When old stone structures fell into disuse, the ordinary populace saw these historical sites as fair game. Many viewed them like stone quarries - places you could go to collect building materials. It seems almost unbelievable now but that is how it was. It is why the huge medieval castle here in Sheffield disappeared almost entirely and it is why Victorians had the unenviable job of trying to rebuild Hadrian's Wall near England's border with Scotland.

I once observed  the same phenomenon in Kos, Greece. There the ancient Greek medical school, the Asclepeion, was vandalised in the fourteenth century by medieval knights in order to construct a fortress at the entrance to Kos Town's harbour. Even today you can still see writing carved into some of the stones by ancient Greeks a thousand years before the fortress was built.

All of the above is mere preamble before going back to the subject of Sheffield Manor. As soon as this impressive stone settlement on a hill fell into disuse a hundred years after Mary Queen of Scots's sojourn, local homeowners, farmers and builders pillaged the site on a regular basis until a lot of the original stonework simply disappeared. 
The Turret House - shown from a different viewpoint yesterday - is the
only complete building on the site of Sheffield Manor
If each lost stone had a DNA signature you could easily track them down and find them in a wide array of newer structures in the vicinity of the old manor complex. Once that complex was embedded in countryside with swathes of green forest and heathland where stags, wild boar and game birds flourished. 

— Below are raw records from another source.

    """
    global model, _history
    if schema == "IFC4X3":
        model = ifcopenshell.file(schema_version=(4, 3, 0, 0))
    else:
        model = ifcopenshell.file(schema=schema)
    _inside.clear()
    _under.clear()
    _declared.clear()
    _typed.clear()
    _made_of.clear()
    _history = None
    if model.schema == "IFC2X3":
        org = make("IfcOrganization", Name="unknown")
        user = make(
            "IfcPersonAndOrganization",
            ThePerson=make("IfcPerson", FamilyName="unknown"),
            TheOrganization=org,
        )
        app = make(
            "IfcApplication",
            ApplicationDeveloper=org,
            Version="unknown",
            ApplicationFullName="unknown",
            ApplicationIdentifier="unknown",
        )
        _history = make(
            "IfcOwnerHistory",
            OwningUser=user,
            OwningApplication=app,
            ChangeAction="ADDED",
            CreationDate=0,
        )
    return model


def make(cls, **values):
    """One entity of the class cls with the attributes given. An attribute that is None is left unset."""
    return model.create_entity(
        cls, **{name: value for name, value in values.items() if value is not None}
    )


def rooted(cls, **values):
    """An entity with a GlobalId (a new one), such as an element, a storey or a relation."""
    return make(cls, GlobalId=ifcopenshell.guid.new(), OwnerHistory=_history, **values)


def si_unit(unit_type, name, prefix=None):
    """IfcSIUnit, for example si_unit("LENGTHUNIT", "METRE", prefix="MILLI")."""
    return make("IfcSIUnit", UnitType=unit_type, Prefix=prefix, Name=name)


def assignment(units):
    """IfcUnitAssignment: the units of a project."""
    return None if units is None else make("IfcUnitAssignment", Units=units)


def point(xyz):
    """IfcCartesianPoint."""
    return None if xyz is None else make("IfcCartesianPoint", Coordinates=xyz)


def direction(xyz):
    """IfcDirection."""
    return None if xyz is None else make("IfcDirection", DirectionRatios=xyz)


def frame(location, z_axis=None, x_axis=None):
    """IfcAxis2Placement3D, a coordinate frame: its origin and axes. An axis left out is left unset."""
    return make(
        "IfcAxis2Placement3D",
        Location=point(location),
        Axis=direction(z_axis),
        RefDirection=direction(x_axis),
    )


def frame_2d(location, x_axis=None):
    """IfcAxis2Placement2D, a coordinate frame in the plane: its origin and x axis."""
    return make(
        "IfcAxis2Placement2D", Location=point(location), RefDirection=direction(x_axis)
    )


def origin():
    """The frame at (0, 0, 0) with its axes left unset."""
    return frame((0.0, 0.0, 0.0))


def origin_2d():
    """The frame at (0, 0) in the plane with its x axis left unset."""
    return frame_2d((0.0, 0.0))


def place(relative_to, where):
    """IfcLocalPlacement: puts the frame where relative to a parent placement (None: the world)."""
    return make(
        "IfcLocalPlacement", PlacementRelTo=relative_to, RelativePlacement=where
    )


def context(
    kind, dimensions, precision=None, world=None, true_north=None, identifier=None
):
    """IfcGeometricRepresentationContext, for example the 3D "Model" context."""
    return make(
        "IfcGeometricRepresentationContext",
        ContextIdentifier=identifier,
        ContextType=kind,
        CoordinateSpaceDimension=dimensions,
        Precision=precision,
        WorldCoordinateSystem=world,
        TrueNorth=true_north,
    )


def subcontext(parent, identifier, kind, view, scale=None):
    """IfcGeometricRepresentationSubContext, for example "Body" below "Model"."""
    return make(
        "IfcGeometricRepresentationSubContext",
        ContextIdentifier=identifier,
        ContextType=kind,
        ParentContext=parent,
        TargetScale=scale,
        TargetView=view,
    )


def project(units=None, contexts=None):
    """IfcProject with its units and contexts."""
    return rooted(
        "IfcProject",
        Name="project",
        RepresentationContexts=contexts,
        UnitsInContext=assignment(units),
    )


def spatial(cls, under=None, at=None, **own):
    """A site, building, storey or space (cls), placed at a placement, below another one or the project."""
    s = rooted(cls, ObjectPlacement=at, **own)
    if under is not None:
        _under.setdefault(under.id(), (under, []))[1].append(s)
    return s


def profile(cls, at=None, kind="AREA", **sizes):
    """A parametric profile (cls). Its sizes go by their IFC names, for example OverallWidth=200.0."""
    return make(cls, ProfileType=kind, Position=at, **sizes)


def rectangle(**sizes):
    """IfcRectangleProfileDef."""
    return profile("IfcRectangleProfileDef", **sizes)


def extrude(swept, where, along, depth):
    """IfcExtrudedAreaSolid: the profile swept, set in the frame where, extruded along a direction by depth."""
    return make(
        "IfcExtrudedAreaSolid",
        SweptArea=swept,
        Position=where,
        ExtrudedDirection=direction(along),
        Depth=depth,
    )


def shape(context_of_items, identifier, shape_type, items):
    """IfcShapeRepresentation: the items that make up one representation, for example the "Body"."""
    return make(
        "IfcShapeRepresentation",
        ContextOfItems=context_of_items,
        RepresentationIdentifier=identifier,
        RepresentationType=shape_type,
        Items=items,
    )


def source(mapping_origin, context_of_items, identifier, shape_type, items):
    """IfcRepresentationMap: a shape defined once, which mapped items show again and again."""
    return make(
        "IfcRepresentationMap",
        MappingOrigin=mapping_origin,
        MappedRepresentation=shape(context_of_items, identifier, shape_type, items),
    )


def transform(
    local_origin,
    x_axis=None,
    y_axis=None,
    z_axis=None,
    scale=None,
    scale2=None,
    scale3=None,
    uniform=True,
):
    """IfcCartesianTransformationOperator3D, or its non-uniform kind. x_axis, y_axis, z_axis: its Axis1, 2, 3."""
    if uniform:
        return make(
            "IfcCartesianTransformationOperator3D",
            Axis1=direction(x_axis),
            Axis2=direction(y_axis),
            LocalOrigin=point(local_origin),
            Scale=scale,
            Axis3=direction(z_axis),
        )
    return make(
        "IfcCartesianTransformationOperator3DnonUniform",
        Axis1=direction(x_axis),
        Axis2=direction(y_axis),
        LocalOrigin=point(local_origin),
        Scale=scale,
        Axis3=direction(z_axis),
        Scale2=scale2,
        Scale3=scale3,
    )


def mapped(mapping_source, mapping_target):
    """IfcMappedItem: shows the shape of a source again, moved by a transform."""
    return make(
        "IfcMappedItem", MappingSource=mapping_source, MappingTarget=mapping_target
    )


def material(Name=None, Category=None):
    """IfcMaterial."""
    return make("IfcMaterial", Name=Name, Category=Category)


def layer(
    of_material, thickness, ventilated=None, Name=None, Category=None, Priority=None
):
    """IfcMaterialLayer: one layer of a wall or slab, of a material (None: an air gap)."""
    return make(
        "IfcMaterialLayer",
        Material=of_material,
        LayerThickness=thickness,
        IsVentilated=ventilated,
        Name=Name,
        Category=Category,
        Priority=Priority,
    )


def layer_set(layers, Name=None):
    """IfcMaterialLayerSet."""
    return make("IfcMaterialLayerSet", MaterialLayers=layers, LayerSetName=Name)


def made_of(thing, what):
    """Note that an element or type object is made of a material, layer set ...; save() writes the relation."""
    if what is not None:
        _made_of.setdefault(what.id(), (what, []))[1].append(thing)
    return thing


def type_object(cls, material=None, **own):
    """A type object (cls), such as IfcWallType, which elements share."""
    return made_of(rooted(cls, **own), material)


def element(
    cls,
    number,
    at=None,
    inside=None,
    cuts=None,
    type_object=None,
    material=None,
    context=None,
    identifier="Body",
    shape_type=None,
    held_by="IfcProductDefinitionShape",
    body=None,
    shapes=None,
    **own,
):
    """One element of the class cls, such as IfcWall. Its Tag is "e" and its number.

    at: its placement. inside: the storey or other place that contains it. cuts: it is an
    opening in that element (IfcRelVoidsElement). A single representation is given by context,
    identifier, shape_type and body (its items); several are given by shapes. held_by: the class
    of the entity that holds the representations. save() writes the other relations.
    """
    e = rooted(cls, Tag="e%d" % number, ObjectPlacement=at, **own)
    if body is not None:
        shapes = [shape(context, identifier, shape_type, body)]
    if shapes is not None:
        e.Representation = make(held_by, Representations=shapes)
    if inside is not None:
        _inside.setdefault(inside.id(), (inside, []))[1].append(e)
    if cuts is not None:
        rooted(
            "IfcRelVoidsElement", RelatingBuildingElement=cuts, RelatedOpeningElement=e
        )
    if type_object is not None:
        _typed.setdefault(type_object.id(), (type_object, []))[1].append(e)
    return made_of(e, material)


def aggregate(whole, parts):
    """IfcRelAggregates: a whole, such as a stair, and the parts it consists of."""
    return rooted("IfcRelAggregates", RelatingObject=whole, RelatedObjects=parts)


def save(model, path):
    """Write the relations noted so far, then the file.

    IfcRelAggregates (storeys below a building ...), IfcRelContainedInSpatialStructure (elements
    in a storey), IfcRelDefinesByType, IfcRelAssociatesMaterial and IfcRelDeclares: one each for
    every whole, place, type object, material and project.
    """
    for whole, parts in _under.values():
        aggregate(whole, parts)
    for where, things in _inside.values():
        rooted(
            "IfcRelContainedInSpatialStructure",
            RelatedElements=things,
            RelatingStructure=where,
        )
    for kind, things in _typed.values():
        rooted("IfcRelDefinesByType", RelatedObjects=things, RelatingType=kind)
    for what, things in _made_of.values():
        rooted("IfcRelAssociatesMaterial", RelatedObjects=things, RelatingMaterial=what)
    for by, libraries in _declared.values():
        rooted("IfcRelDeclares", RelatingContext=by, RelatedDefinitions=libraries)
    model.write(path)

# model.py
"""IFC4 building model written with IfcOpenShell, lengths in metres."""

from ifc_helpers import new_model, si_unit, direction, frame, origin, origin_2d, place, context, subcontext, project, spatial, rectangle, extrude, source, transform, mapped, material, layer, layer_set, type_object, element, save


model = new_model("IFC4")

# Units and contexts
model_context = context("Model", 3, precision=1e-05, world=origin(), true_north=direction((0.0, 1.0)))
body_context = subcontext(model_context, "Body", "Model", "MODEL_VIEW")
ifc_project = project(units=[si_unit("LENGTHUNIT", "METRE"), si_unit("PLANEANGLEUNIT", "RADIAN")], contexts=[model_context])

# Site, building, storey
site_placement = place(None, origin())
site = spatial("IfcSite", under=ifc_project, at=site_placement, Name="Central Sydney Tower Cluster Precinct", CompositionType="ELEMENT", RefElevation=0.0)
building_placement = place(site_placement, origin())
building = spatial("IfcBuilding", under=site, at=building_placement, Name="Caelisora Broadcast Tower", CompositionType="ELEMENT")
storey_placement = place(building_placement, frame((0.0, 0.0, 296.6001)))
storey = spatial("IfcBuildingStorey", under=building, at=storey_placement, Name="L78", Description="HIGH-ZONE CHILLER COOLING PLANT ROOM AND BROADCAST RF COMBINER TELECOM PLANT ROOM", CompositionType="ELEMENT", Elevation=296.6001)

Now what remains of Sheffield Manor finds itself stranded in the heart of an urban landscape - not leafy suburbia where middle class committees and volunteers would no doubt cradle it - but in a part of the city where there is industry and street after grim street of low-cost social housing - where survival understandably matters more than heritage.
20h century gates with Sheffield's coat of arms





21 comments:

  1. Human behaviour has changed little through the centuries....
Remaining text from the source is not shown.